Le petit carnet de notes

Je me suis offert un petit carnet de notes, recouvert de légers motifs en fleurs couleur mauve sur un fond de blanc cassé, impur, imparfait.

J’ai toujours privilégié l’élégance de la sobriété à la brutalité presque aveuglante du clinquant, tout le contraire de ce que je peux souvent écrire. Un paradoxe parmi tant d’autres. Je ne suis pas à une contradiction près. Et quelques fois, j’ai espéré y trouver, malgré tout, une certaine cohérence, même accidentelle, involontaire, de quoi sauver ce portrait cruel dont je me suis convaincu. Un portrait sans compromissions, flirtant entre le salaud et le saligaud, un juste milieu qui au fil de ma progression somme toute digressive a fini par ne plus vraiment exister.

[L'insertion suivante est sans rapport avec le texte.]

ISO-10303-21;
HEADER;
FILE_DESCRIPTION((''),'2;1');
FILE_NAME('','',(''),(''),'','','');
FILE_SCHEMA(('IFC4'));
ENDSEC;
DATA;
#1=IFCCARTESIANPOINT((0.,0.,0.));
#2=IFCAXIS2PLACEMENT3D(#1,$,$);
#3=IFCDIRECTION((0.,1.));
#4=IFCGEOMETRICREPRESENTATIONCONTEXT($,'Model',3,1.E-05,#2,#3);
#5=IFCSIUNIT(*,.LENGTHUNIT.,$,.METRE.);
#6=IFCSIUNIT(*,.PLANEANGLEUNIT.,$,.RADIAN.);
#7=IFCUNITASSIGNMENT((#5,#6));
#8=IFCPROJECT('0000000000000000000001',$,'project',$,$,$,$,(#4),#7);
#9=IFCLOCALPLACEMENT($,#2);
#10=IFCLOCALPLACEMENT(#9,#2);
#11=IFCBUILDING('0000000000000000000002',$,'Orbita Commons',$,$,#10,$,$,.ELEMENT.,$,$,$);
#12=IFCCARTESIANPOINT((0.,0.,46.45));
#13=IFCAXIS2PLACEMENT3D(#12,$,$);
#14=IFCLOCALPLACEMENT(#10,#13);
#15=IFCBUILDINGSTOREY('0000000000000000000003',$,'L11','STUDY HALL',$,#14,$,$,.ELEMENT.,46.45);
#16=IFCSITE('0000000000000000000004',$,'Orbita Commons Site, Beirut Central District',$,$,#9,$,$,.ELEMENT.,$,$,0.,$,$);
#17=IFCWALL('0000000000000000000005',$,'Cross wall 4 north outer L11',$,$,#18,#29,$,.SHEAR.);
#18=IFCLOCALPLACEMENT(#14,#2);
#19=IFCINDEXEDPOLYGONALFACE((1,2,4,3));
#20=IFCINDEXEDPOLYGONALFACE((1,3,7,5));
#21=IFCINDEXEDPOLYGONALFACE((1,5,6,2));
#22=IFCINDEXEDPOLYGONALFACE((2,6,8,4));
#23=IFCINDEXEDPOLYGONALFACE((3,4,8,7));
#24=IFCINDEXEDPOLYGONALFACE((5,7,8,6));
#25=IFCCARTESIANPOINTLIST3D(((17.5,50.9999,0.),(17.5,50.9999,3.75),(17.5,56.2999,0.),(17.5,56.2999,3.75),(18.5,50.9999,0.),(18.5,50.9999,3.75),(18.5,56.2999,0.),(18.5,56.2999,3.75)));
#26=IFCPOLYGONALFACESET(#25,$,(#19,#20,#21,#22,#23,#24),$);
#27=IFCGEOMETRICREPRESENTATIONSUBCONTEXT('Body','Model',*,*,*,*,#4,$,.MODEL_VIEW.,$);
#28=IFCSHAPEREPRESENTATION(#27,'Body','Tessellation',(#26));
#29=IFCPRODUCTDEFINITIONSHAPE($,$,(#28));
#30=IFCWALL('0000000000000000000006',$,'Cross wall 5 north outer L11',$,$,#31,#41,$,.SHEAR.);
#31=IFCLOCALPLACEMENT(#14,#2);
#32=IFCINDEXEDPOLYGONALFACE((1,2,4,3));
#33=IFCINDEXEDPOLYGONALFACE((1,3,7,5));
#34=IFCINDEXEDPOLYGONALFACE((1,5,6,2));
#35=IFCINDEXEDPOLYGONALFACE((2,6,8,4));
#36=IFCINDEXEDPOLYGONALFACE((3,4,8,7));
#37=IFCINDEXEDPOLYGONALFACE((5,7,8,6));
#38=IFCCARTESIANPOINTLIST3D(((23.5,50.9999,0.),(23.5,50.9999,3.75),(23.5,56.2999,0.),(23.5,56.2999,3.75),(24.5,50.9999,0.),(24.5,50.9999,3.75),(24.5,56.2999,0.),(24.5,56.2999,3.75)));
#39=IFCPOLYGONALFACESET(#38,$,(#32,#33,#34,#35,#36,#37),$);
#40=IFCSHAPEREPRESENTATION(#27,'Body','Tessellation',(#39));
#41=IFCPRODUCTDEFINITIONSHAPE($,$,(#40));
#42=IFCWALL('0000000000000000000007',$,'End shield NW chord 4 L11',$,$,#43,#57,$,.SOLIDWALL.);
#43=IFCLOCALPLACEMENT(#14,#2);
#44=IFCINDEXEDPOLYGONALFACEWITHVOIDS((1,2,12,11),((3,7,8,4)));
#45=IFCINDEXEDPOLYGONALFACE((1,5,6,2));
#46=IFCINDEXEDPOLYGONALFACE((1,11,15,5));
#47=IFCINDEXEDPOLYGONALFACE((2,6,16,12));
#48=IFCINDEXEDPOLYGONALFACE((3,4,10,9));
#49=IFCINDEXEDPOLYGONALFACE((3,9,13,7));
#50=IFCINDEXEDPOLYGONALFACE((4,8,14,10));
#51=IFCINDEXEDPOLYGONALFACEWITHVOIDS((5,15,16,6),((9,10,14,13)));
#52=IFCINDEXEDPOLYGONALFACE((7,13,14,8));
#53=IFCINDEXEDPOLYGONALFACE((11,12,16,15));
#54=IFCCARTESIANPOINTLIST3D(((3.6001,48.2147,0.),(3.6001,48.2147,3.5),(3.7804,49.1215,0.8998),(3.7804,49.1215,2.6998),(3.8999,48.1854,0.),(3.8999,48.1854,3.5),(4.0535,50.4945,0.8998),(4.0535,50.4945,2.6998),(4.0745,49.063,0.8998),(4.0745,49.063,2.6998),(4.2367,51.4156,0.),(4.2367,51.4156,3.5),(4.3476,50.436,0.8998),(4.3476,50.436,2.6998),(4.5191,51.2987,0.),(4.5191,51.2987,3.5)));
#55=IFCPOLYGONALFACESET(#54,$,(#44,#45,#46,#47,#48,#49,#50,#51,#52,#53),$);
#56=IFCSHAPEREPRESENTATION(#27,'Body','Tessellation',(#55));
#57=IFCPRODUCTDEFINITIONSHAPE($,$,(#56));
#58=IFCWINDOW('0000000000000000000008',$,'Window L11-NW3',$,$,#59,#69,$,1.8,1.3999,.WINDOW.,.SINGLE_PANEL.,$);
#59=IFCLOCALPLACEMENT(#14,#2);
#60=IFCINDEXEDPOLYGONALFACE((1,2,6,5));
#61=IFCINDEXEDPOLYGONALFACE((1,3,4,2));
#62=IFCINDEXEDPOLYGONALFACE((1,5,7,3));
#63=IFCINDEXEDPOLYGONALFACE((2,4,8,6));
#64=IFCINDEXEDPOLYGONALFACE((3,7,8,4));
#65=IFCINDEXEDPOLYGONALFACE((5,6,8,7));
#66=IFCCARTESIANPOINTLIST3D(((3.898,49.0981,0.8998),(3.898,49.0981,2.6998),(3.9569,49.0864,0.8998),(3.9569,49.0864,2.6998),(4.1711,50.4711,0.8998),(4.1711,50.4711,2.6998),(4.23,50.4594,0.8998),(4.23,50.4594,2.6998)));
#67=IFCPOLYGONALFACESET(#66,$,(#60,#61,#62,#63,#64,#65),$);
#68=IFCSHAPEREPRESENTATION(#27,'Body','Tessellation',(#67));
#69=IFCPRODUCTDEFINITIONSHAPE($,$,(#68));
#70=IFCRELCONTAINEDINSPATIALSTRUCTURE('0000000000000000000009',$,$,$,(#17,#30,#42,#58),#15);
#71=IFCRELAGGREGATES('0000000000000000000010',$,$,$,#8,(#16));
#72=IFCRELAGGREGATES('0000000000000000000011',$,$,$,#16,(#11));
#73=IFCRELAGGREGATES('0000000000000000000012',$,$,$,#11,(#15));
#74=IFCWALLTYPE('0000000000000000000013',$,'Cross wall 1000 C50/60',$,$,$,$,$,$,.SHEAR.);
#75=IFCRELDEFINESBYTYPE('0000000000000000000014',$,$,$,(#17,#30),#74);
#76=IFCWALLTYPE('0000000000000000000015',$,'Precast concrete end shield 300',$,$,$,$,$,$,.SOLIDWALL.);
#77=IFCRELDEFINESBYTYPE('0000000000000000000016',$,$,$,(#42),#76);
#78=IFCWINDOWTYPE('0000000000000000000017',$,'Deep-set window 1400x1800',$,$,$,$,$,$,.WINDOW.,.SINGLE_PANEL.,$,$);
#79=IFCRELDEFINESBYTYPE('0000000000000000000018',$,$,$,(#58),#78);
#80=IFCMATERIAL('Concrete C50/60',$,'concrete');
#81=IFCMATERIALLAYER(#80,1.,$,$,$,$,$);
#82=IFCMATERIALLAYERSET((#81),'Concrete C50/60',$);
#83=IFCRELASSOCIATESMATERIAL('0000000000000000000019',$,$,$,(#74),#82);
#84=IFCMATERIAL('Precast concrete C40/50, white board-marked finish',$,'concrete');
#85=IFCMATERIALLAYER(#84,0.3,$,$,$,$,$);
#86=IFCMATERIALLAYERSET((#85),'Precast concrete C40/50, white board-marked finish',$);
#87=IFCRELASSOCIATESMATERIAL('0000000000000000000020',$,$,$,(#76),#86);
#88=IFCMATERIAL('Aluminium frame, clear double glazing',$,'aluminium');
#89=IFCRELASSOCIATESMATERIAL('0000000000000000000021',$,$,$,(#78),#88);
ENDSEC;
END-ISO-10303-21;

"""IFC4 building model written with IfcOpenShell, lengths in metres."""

from ifc_helpers import new_model, si_unit, direction, frame, frame_2d, origin, place, context, subcontext, project, spatial, polyline, rectangle, outline, extrude, material, layer, layer_set, type_object, element, fill, save


model = new_model("IFC4")

# Units and contexts
model_context = context("Model", 3, precision=1e-05, world=origin(), true_north=direction((0.0, 1.0)))
body_context = subcontext(model_context, "Body", "Model", "MODEL_VIEW")
ifc_project = project(units=[si_unit("LENGTHUNIT", "METRE"), si_unit("PLANEANGLEUNIT", "RADIAN")], contexts=[model_context])

# Site, building, storey
site_placement = place(None, origin())
site = spatial("IfcSite", under=ifc_project, at=site_placement, Name="Orbita Commons Site, Beirut Central District", CompositionType="ELEMENT", RefElevation=0.0)
building_placement = place(site_placement, origin())
building = spatial("IfcBuilding", under=site, at=building_placement, Name="Orbita Commons", CompositionType="ELEMENT")
storey_placement = place(building_placement, frame((0.0, 0.0, 46.45)))
storey = spatial("IfcBuildingStorey", under=building, at=storey_placement, Name="L11", Description="STUDY HALL", CompositionType="ELEMENT", Elevation=46.45)

# Walls
ifc_material_1 = material(Name="Concrete C50/60", Category="concrete")
ifc_layer_1 = layer(ifc_material_1, 1.0)
ifc_layer_set_1 = layer_set([ifc_layer_1], Name="Concrete C50/60")
wall_type_1 = type_object("IfcWallType", Name="Cross wall 1000 C50/60", PredefinedType="SHEAR", material=ifc_layer_set_1)
for number, where, z_axis, x_axis, name in (
    (1, (18.0, 51.0, 0.0), (0.0, 0.0, 1.0), (0.0, 1.0, 0.0), "Cross wall 4 north outer L11"),
    (2, (24.0, 51.0, 0.0), (0.0, 0.0, 1.0), (0.0, 1.0, 0.0), "Cross wall 5 north outer L11"),
):
    element("IfcWall", number, at=place(storey_placement, frame(where, z_axis=z_axis, x_axis=x_axis)), inside=storey, type_object=wall_type_1, Name=name, PredefinedType="SHEAR", context=body_context, shape_type="SweptSolid", body=[
        extrude(rectangle(XDim=5.3, YDim=1.0, at=frame_2d((2.6499, 0.0))), origin(), (0.0, 0.0, 1.0), 3.75),
    ])

# Wall, opening, window
ifc_material_2 = material(Name="Precast concrete C40/50, white board-marked finish", Category="concrete")
ifc_layer_2 = layer(ifc_material_2, 0.3)
ifc_layer_set_2 = layer_set([ifc_layer_2], Name="Precast concrete C40/50, white board-marked finish")
wall_type_2 = type_object("IfcWallType", Name="Precast concrete end shield 300", PredefinedType="SOLIDWALL", material=ifc_layer_set_2)
wall_1_placement = place(storey_placement, frame((4.3779, 51.3572, 0.0), z_axis=(0.0, 0.0, 1.0), x_axis=(-0.195066, -0.98079, 0.0)))
wall_1 = element("IfcWall", 3, at=wall_1_placement, inside=storey, type_object=wall_type_2, Name="End shield NW chord 4 L11", PredefinedType="SOLIDWALL", context=body_context, shape_type="SweptSolid", body=[
    extrude(outline(polyline([(-0.0298, -0.1499), (3.2339, -0.1499), (3.2041, 0.1499), (0.0298, 0.1499), (-0.0298, -0.1499)])), origin(), (0.0, 0.0, 1.0), 3.5),
])
opening_1_placement = place(wall_1_placement, frame((0.9094, 0.0, 0.8999)))
opening_1 = element("IfcOpeningElement", 4, at=opening_1_placement, cuts=wall_1, PredefinedType="OPENING", context=body_context, shape_type="SweptSolid", body=[
    extrude(rectangle(XDim=1.3999, YDim=1.8, at=frame_2d((0.7, 0.8999))), frame((0.0, 0.1599, 0.0), z_axis=(0.0, -1.0, 0.0), x_axis=(1.0, 0.0, 0.0)), (0.0, 0.0, 1.0), 0.3201),
])
ifc_material_3 = material(Name="Aluminium frame, clear double glazing", Category="aluminium")
window_type = type_object("IfcWindowType", Name="Deep-set window 1400x1800", PartitioningType="SINGLE_PANEL", PredefinedType="WINDOW", material=ifc_material_3)
window_placement = place(opening_1_placement, origin())
window = element("IfcWindow", 5, at=window_placement, inside=storey, type_object=window_type, Name="Window L11-NW3", OverallHeight=1.8, OverallWidth=1.3999, PartitioningType="SINGLE_PANEL", PredefinedType="WINDOW", context=body_context, shape_type="SweptSolid", body=[
    extrude(rectangle(XDim=1.3999, YDim=1.8, at=frame_2d((0.7, 0.8999))), frame((0.0, 0.03, 0.0), z_axis=(0.0, -1.0, 0.0), x_axis=(1.0, 0.0, 0.0)), (0.0, 0.0, 1.0), 0.0601),
])
fill(opening_1, window)

save(model, "model.ifc")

Je ne sais pas qui je suis, les autres en savent plus que moi. Et leurs jugements scellés du marteau de leur prétention à l’absolue certitude me condamnent à une peine qui me fait jouir. J’aime jouir. Comme tout le monde. Que l’on soit saint ou démon. C’est du pareil au même. La jouissance égalitaire. Jouissance libérale. Communistes, marxistes, ultracapitalistes, écologistes, veganistes, vaginistes, féministes, clitoridiennes, couillards, analistes, tous pareils.

Vous vous entendez à ce que je conte une histoire. Les divagations égocentriques n’intéressent personne, sauf s’ils sont très inutiles. Je ne sais pas comment on fait ça, vous me pardonnerez.  

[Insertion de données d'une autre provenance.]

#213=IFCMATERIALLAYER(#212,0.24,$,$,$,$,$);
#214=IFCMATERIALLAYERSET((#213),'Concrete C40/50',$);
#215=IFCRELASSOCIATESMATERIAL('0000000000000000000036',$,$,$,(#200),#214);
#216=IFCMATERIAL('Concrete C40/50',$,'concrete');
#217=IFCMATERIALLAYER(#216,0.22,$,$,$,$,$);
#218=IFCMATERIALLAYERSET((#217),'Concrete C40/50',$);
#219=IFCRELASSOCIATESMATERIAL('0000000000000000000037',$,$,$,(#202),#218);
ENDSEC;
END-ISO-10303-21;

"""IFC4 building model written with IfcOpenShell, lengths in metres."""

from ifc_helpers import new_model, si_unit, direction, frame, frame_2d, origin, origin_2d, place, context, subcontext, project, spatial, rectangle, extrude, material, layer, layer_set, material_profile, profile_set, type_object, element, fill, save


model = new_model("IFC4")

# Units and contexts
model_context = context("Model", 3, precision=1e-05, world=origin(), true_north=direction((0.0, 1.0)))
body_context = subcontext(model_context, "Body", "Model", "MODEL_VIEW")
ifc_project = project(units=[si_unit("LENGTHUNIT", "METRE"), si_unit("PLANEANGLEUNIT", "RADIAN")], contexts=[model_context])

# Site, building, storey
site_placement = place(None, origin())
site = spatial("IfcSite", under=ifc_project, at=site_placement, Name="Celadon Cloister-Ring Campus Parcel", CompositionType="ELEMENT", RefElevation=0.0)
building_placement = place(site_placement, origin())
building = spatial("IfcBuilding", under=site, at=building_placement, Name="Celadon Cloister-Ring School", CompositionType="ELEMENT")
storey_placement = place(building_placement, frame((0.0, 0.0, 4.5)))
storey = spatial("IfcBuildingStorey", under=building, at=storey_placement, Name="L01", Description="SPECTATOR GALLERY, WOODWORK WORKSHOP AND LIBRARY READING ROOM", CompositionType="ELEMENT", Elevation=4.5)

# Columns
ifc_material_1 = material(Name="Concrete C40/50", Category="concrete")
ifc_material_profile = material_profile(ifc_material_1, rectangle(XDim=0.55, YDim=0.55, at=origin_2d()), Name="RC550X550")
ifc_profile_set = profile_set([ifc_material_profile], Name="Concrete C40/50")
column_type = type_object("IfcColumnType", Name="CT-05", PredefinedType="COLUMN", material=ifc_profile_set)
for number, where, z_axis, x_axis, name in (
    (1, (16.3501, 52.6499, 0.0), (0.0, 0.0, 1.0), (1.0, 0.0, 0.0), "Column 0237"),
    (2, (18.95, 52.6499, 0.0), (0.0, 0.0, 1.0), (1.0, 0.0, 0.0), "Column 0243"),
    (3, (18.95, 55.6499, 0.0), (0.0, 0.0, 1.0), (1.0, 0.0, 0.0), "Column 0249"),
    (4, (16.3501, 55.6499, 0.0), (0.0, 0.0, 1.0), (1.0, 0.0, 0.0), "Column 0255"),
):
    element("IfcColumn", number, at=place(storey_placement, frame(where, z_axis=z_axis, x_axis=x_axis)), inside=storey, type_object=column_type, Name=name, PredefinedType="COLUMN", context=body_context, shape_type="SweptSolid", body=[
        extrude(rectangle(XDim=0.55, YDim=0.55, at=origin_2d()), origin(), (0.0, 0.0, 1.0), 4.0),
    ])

Je vais donc vous narrez une histoire très utile et donc épouvantablement chiante. Celle de mon petit carnet de notes. Je m’en suis offert un qui puisse facilement rentré dans une poche. Ce petit carnet de notes m’a fait penser à un épisode de mon enfance. J’avais un journal par très intimiste qui avait des textes prétentieux. Des textes écrits avec un stylo à plume qui immortalisaient ma grande solitude au milieu de la foule. J’écrivais les instants fugaces de ce qui me semblait déjà d’une banalité si mortelle. Le monde, les gens, les sentiments de l’air du temps, les discours vieux recyclés dans un brouhaha nouveau, les fumisteries idéologiques, les fumeuses idéologies, les enfumages d’appareil, les brouillards de l’esprit, et les sauts individuels, collectifs, dans le vide. J’avais treize ans.

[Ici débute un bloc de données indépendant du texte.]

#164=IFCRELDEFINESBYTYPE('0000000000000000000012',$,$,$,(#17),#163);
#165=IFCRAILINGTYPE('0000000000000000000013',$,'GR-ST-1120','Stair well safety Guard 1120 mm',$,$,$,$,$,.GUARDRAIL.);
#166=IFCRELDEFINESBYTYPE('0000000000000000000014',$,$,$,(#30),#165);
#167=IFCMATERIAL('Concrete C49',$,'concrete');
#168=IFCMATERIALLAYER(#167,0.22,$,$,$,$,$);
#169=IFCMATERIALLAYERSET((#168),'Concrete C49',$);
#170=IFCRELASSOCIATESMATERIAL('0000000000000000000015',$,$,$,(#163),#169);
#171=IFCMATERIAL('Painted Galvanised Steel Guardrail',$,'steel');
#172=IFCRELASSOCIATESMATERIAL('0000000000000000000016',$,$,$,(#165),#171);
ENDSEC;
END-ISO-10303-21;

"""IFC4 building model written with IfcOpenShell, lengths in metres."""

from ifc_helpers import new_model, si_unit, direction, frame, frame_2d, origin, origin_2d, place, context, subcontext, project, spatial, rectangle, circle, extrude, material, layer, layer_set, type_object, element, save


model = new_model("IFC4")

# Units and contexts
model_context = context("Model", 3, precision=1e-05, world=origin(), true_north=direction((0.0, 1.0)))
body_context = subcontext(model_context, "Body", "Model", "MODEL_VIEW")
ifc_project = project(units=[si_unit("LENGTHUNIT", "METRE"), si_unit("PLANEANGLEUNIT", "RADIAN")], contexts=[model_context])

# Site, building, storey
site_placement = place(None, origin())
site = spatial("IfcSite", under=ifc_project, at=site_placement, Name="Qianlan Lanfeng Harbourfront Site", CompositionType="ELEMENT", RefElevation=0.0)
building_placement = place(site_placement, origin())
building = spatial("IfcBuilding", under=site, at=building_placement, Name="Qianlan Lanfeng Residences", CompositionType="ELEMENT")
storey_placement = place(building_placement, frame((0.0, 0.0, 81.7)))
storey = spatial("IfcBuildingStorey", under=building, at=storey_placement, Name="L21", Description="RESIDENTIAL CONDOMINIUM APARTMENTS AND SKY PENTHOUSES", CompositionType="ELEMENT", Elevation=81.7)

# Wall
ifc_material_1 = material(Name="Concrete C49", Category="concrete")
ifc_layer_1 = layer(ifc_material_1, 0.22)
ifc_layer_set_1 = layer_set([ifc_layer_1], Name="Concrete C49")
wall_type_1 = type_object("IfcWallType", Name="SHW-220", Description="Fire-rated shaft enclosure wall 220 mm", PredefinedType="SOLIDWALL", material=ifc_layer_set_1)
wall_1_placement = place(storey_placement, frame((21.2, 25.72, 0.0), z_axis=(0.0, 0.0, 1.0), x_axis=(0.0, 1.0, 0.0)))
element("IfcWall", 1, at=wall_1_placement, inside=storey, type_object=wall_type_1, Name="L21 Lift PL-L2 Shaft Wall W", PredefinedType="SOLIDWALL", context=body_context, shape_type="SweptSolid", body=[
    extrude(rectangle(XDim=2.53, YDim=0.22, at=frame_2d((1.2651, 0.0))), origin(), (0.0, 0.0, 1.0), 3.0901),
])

Le stylo à plume est devenu des doigts qui caressent un écran tactile. Le journal fait parti d’une étrange collection. Et tout ce qui y est écrit n’a pas vieillit d’un poil. Les instants fugaces sont d’éternelles fugues. Le même thème répété, suivi de ses imitations, qui fuit et qui poursuit, sous une impulsion morbide, quelque chose. Les instants fugaces ne meurent jamais. Le quelque chose semble toujours aussi inconnu. Flou. Abstrait. Ou terriblement matérialiste. Je n’écris plus dans un journal, ni cette solitude ni ces instants-là. Je n’ai plus treize ans. A mon âge, il n’y plus que l’ivresse. A la vôtre.   

Catharsis, défoulement, introspection, jouissif, jubilatoire, dépressionnaire, intense, ecstasy-sic, tout en même temps. J’ai cessé de raconter des histoires, pour démêler les fils de ma propre intrigue, pour comprendre ma propre malédiction.  Celle de ces personnages condamnés dont regorgent les tragédies.